Hypertensive acute heart failure: a critical perspective on definition, epidemiology, pathophysiology, and prognosis-a narrative review: a joint session with the Romanian Society of Cardiology (part II)

Affiliations
Review

Hypertensive acute heart failure: a critical perspective on definition, epidemiology, pathophysiology, and prognosis-a narrative review: a joint session with the Romanian Society of Cardiology (part II)
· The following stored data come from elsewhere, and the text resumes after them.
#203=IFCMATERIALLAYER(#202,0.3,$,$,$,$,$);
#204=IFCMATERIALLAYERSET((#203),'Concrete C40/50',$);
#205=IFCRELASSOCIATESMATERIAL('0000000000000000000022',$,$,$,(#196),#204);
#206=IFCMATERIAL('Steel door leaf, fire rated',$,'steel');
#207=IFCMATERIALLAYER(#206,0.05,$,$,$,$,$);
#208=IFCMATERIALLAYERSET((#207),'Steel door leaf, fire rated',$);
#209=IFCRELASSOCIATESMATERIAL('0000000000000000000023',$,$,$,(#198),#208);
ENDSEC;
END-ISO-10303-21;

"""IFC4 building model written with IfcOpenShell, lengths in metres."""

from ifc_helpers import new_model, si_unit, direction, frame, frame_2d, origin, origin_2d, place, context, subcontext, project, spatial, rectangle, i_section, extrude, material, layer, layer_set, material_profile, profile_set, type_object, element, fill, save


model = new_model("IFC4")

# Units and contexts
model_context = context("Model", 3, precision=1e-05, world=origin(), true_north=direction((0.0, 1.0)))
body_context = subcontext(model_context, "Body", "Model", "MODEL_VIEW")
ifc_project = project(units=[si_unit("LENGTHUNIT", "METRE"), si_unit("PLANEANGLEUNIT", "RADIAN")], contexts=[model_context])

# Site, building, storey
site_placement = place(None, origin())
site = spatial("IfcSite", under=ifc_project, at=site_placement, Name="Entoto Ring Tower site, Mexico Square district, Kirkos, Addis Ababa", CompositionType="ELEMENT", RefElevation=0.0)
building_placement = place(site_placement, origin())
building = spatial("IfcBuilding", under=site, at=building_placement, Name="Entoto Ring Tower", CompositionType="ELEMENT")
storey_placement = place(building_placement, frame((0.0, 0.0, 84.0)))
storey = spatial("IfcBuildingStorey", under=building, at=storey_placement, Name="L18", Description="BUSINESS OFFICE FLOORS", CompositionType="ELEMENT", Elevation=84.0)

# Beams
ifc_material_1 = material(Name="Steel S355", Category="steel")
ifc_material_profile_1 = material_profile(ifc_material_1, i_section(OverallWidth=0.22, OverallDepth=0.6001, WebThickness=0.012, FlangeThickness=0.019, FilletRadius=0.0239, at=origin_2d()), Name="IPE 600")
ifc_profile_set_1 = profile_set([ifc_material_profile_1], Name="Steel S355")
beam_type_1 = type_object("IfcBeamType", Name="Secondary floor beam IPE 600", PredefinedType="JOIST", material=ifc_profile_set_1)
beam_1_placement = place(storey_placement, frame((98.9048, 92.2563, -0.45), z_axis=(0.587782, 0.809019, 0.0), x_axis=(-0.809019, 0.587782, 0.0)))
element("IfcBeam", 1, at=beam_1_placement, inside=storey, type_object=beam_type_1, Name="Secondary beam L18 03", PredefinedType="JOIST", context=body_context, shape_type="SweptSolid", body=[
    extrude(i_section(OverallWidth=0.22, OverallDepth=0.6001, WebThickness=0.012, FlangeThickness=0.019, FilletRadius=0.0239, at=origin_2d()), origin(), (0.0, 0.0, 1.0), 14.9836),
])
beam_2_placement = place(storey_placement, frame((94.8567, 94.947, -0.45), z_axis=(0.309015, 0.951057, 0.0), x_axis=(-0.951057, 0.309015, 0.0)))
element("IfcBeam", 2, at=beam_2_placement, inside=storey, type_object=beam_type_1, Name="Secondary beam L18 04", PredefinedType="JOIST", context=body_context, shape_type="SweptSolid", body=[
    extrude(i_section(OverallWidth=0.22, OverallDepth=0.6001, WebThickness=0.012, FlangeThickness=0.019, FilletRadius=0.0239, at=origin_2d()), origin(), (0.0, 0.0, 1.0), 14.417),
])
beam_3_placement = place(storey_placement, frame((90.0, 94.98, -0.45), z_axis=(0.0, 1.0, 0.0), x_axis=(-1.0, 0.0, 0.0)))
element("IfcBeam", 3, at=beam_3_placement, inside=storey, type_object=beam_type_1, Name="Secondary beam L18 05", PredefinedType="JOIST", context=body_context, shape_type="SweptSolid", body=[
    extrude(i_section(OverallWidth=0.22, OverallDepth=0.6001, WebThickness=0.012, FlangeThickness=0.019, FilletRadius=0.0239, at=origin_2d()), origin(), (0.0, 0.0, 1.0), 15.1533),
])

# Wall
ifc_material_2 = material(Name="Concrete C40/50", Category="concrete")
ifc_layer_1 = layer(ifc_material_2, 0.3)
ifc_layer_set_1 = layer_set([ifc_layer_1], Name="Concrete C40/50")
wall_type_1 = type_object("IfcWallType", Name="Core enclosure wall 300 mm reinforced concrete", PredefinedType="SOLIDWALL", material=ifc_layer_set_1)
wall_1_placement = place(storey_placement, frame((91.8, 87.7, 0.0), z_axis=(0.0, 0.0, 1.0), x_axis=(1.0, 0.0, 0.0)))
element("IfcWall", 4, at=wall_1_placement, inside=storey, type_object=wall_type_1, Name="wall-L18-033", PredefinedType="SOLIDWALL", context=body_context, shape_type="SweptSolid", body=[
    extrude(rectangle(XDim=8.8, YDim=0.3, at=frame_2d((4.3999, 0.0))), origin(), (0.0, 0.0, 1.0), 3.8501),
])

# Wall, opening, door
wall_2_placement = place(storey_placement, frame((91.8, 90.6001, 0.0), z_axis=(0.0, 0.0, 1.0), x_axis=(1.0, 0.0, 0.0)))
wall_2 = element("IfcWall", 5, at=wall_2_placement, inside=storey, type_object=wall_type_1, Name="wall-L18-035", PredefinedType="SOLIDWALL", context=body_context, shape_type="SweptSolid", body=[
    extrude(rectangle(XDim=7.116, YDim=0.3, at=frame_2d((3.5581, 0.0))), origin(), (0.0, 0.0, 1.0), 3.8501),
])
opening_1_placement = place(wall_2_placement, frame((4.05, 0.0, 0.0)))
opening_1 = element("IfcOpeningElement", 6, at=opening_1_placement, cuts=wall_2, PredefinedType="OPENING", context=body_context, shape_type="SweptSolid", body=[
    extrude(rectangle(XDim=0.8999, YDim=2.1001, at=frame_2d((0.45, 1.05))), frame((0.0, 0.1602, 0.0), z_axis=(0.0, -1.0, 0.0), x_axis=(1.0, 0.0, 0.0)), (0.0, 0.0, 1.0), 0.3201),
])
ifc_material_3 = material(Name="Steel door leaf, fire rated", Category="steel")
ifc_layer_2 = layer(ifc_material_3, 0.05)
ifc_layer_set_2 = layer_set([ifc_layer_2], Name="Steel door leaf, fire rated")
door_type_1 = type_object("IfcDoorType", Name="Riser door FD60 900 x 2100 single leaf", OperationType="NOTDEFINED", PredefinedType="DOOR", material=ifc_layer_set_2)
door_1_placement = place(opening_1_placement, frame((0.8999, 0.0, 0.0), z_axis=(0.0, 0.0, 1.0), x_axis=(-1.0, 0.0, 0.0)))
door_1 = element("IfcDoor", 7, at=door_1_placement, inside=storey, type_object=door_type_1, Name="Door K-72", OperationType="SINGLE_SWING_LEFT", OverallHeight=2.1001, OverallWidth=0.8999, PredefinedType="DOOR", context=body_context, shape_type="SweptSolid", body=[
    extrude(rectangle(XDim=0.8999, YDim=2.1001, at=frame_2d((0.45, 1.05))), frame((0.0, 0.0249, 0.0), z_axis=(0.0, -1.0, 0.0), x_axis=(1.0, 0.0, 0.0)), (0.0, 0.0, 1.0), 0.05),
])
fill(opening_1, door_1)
Oliviana Geavlete et al. Heart Fail Rev. 2025 Dec.

Erratum in

Abstract

Hypertensive acute heart failure (HT-AHF) has historically been recognized as a distinct clinical phenotype of AHF, characterized by acute pulmonary congestion in the context of elevated systolic blood pressure (SBP), typically > 140 mmHg. However, emerging evidence has begun to challenge the diagnostic accuracy, clinical utility, and relevance of this category. A main criticism of HT-AHF is its considerable overlap with other AHF clinical profiles, including acute decompensated heart failure (ADHF) and acute pulmonary oedema (APO). Clinical features such as dyspnea and pulmonary congestion are not unique to HT-AHF. Additionally, some HT-AHF patients concurrently fulfill diagnostic criteria for the ADHF phenotype, including a history of HF or signs of volume overload, leading to ambiguity in diagnosis. HT-AHF is associated with very low in-hospital mortality (0-2%) compared to other AHF phenotypes. Notably, there is no robust evidence linking high SBP to poor short- or long-term outcomes, nor are there randomized clinical trials validating distinct management strategies for HT-AHF. Often associated with the management of HT-AHF, vasodilators have shown limited benefit across trials, contributing to a downgrade in guideline recommendations. The relatively favorable short-term prognosis and the lack of a standardized, evidence-based treatment approach weaken the rationale for classifying HT-AHF as a standalone AHF category. Given the heterogeneity of clinical presentations, overlap with other AHF phenotypes, and lack of prognostic distinction or targeted therapy, the term "AHF with high SBP at presentation" offers a more flexible and clinically meaningful descriptor, encouraging a more nuanced approach to treatment.

Keywords: Definition; Hypertensive acute heart failure; Management; Systolic blood pressure.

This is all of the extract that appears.